小柱子捂着自己被拍疼的脑袋,不服气道:“我才不是想要新县丞的媳妇儿!我是瞧着她眼熟,好像昨儿出城的时候我看到她和恩人夫人站一块儿了!”
“净胡扯!”小柱子的脑袋又被不客气地拍了一掌,“新县丞的媳妇儿咋是你说眼熟就眼熟的,定是你看走眼了,昨儿出城的时候,还不知道新县丞的媳妇儿在哪儿呢,咋可能在咱城里,要是在咱城里,新县丞这么傻来这挖泥挖出一身伤来?”
小柱子揉揉自己的脑袋,觉得有理,有些傻气地点点头,“好像也是,要是新县丞的姑娘在城里,他来这里活受罪是干啥子?”
于是,小柱子果断地相信是他自己看走眼了。
沙木紧张了一天,跑了整整一夜,一路上不知跌倒了多少次,受了惊又受了凉才致于最后在看到童涯时竟是两腿发软,生生从山坡顶栽了下去,当她的意识迷迷糊糊地回到脑子里的时候,她蓦地睁开眼,惊慌的声音破口而出,“阿涯!”
然,就在她睁开眼的那一刹那她愣住了,因为白琉璃正在一旁含笑看着她,“能喊得这么大声,看来是没事了。”
沙木惊愕地看着白琉璃,小嘴张张合合好几次竟都没能发出声音,反是白琉璃有些意味深长地看着她笑道:“怎么了,见到了你的情哥哥连我也记不得是谁了么?”
沙木的脸突然暴红,语无伦次地紧张道:“不是的大小姐,奴婢,我,我只是……我……”
“好了好了,和你玩笑而已,不用这么紧张,不过是担心自己喜欢的男人而已,有什么好羞好紧张的,不笑你就是。”白琉璃看着沙木整张脸红得像充血般,担忧这姑娘会紧张地缓不过气便不再取笑她,反是关心道,“身子可还有哪儿觉得不舒服?”
沙木没有答话,只是将头垂得低低的,双手紧紧地抓着盖在她身上的薄被,似乎不敢抬头看白琉璃一般。
白琉璃不介意,只是坐到了床沿上,含着浅笑缓缓道:“昨夜你出去,我知道的,你是去找童涯,我也知道的,你喜欢他,而他心里也有你,我也看得出来,既是两情相悦,又为何偏要折磨彼此?”

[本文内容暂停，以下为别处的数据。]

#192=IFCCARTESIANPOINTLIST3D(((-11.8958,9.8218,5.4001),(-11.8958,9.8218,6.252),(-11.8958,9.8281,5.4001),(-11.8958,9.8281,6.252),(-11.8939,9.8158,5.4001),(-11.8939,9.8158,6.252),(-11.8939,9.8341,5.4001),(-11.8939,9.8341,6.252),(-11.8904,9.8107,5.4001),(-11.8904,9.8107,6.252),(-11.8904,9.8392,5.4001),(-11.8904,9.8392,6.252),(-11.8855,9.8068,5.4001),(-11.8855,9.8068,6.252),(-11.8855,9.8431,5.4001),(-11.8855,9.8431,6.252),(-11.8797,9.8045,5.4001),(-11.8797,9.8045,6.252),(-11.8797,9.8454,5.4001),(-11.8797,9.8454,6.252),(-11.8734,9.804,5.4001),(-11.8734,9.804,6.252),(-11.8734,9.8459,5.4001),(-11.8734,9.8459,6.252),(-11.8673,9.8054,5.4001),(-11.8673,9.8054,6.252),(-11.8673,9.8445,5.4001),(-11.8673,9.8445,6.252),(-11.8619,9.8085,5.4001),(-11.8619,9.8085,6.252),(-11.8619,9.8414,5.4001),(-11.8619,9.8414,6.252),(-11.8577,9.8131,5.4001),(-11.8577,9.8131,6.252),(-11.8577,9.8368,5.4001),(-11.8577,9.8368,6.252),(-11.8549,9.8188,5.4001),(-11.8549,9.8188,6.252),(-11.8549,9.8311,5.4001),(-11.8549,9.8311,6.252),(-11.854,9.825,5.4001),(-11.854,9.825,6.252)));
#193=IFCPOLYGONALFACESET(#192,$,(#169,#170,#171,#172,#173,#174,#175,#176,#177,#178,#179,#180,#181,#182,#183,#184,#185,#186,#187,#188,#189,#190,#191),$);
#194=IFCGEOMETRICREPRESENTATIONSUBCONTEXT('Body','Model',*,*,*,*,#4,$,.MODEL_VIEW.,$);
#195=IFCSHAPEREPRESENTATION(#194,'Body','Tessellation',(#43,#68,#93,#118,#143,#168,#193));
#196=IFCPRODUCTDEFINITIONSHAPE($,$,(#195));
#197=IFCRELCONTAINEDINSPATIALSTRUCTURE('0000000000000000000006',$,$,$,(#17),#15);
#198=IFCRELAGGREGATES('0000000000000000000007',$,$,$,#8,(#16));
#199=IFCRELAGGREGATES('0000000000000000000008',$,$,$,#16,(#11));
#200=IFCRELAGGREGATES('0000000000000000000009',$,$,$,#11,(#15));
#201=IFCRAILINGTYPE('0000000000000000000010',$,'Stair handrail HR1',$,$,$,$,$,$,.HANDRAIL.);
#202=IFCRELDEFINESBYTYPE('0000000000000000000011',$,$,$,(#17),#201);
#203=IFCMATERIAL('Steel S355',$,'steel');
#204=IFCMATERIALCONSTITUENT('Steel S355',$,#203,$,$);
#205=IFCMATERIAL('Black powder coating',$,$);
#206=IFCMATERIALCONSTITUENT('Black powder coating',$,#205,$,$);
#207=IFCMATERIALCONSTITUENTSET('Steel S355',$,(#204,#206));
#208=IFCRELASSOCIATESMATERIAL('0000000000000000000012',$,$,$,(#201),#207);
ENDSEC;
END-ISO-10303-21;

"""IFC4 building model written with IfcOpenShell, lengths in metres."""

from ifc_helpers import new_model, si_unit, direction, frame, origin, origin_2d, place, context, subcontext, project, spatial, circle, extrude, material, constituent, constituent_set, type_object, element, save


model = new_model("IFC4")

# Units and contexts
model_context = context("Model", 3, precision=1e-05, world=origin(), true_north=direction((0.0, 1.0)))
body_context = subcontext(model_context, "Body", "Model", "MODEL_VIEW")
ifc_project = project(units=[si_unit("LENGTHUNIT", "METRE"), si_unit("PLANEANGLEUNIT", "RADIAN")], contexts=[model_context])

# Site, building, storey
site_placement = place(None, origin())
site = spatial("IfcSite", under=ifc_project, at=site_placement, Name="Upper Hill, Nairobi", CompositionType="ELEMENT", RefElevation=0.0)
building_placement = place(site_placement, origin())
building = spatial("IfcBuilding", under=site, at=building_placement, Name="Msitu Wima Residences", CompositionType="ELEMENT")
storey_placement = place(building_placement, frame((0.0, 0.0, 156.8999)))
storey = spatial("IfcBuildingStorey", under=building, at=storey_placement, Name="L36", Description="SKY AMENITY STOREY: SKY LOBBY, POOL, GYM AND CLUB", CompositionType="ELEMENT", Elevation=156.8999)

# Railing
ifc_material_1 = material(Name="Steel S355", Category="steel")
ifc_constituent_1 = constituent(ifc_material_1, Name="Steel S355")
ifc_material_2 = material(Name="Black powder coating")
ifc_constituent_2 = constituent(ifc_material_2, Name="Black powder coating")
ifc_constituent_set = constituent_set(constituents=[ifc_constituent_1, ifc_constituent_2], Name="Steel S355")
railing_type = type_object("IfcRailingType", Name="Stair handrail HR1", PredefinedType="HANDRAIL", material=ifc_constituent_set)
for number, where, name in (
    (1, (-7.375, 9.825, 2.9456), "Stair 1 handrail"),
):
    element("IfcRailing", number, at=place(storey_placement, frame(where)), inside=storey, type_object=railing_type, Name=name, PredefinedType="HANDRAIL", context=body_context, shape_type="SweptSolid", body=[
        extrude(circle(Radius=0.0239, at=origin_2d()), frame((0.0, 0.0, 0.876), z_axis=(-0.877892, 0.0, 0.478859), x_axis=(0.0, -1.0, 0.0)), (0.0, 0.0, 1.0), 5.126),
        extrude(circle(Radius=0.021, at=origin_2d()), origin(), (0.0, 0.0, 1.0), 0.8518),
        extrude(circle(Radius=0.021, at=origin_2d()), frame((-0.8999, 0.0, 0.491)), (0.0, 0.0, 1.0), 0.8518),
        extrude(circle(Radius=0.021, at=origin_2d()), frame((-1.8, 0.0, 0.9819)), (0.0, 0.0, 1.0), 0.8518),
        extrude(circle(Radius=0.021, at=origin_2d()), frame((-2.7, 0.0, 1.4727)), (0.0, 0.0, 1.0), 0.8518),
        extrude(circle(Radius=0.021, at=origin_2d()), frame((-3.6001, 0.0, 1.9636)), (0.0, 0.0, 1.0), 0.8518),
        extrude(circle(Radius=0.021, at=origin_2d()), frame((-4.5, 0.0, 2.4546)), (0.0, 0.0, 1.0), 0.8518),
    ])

沙木依旧不说话,白琉璃继续道:“若是因为我,你大可不必如此,穆沼不曾亏欠我与百里云鹫什么,我们亦未曾怨恨过他什么,我们现在的日子很好,他也没有真的要将百里云鹫抓回去问罪,反是为他平反了,我看得出穆沼是个好皇帝,只是他身在那个位置,很多事身不由己而已,我从未在意过云王府被毁云王爷被诛一事,你又何必为我放不下?”
“沙木,好姑娘,事情已经过去了,我现在过的很好不是么?我以后也依然会像现在这般过得很好,不必再为我折磨自己了。”白琉璃说着,将手覆到了沙木微微颤抖的手背上。
只见沙木依然低着头,却是颤声道:“可是……我……”
“无需说其他话,现下你只需告诉我,你的心里,究竟有他还是没有他,你究竟是喜欢他还是不喜欢他?”白琉璃握紧沙木的手,敛了眼中的笑意。
“我,我……”沙木的手抖得更厉害了,却是没有一句完整的话。
“好,我知道了。”白琉璃在这时松开了沙木的手,站起了身,声音变得冷冷的,“现在我可以明确地去告诉衙门来的人,道是我们沙木与新县丞毫无瓜葛,他是死是活都不要再让人来探你了。”
“大小姐您说什么!?”沙木忽的抬起了头,伸出手抓住了白琉璃的手腕,慌乱问道,“什么是死是活……他,他怎么了!?”
“他快死了,活不了几日了。”白琉璃回头,眼神冷冷地瞧着沙木,连声音都是冷冷的没有一丝温度,“这是整个柳城都知道了的事,你昏睡了几日自然是不知道。”